JAKARTA (TEROPONGSENNAYAN) -- Hotel Alexis belum lama ditutup oleh Gubernur DKI Jakarta Anies Baswedan. Penutupan itu dilakukan karena hotel tersebut telah menyimpang dan melakukan praktek prostitusi terselubung.
Sejak saat itulah Hotel Alexis terus menjadi perbincangan berbagai kalangan dari kalangan atas hingga warung kopi pinggir jalan. Nama Alexis yang mencuat dalam perdebatan kampanye Pilkada membuat orang ingin tahu siapa pemilik kegiatan usaha dengan gedung bercorak warna-warni ini. Alexis diambil dari nama pemiliknya, pengusaha Alex Tirta.
Dia merupakan pemilik usaha tempat hiburan malam yang paling besar di Jakarta. Selain Alexis, yang selama ini mengaku sebagai griya pijat dan hotel, Alex Tirta disebut-sebut memiliki tempat hiburan lainnya. Tetapi dia hanya pernah berkomentar tentang Alexis.

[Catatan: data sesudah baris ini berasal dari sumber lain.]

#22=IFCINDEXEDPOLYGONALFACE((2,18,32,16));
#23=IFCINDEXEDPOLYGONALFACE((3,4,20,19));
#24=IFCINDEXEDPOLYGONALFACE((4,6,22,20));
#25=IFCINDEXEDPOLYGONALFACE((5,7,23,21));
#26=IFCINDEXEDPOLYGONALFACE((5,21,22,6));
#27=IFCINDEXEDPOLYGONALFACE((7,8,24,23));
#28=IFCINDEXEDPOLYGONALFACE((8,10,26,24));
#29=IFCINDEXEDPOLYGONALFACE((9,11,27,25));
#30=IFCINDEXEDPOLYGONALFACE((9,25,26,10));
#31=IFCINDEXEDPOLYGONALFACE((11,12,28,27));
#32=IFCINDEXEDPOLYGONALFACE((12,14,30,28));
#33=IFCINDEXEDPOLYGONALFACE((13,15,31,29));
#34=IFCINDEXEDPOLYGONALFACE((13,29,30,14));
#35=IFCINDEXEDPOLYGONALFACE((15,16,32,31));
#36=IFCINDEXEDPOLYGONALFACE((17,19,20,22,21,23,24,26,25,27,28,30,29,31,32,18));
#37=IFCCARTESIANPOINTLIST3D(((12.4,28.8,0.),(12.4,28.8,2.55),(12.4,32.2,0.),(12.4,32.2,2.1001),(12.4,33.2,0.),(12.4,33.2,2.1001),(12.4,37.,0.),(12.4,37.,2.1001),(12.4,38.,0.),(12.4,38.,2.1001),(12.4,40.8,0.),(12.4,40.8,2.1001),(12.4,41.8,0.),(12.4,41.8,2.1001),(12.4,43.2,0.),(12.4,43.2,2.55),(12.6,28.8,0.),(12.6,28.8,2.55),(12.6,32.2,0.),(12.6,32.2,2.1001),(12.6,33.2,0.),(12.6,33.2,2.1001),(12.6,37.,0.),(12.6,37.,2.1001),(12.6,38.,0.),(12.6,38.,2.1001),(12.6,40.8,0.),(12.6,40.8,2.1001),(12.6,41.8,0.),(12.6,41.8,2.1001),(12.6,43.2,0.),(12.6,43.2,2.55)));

Alex Tirta juga aktif menjadi pengurus olahraga bulutangkis. Dia disebut menggemari cabang olahraga penyumbang medali emas bagi Indonesia di berbagai ajang dunia. Alex Tirta terpilih sebagai Ketua Umum Pengprov PBSI DKI Jakarta 2015-2019. Kepengurusan PBSI Pusat yang dipimpin Menteri Koordinator Bidang Politik dan Keamanan Wiranto mengangkat Alex Tirta sebagai Wakil Ketua Umum I untuk periode 2016-2020. Alex Tirta membawahi bidang pembinaan prestasi, pelatnas, dan pengembangan prestasi dan sains olahraga. Pemilik PB Exist ini mengaku siap mengucurkan dana untuk pembinaan bulutangkis Indonesia.
Abraham “Lulung” Lunggana, wakil ketua DPRD DKI Jakarta dari Partai Persatuan Pembangunan, pernah menuding Alexis yang dimiliki Alex Tirta dan dikelola bersama putranya adalah tempat prostitusi. "Alexis izinnya griya sehat. Ada pelacuran di sana. Mau enggak Ahok tertibkan di sana? Malioboro izinnya (juga) griya sehat, yang ada pelacuran," kata Lulung di Jakarta, Jumat 12 Februari 2016, sebagaimana dikutip media.
Alex Tirta menanggapi tudingan Lulung dengan kalem. “Sudah, dengerin saja," kata pemilik Alexis, Alex Tirta kepada media. Alex Tirta juga membantah isu penyalahgunaan izin usaha hiburan. Pengelola Alexis juga pernah dilaporkan ke polisi karena tidak membayar royalti lagu yang diputar di kamar-kamar eksekutif di sana. Menurut perhitungan, kerugian para produser musik diperkirakan mencapai Rp 3 miliar selama 2016. (aim)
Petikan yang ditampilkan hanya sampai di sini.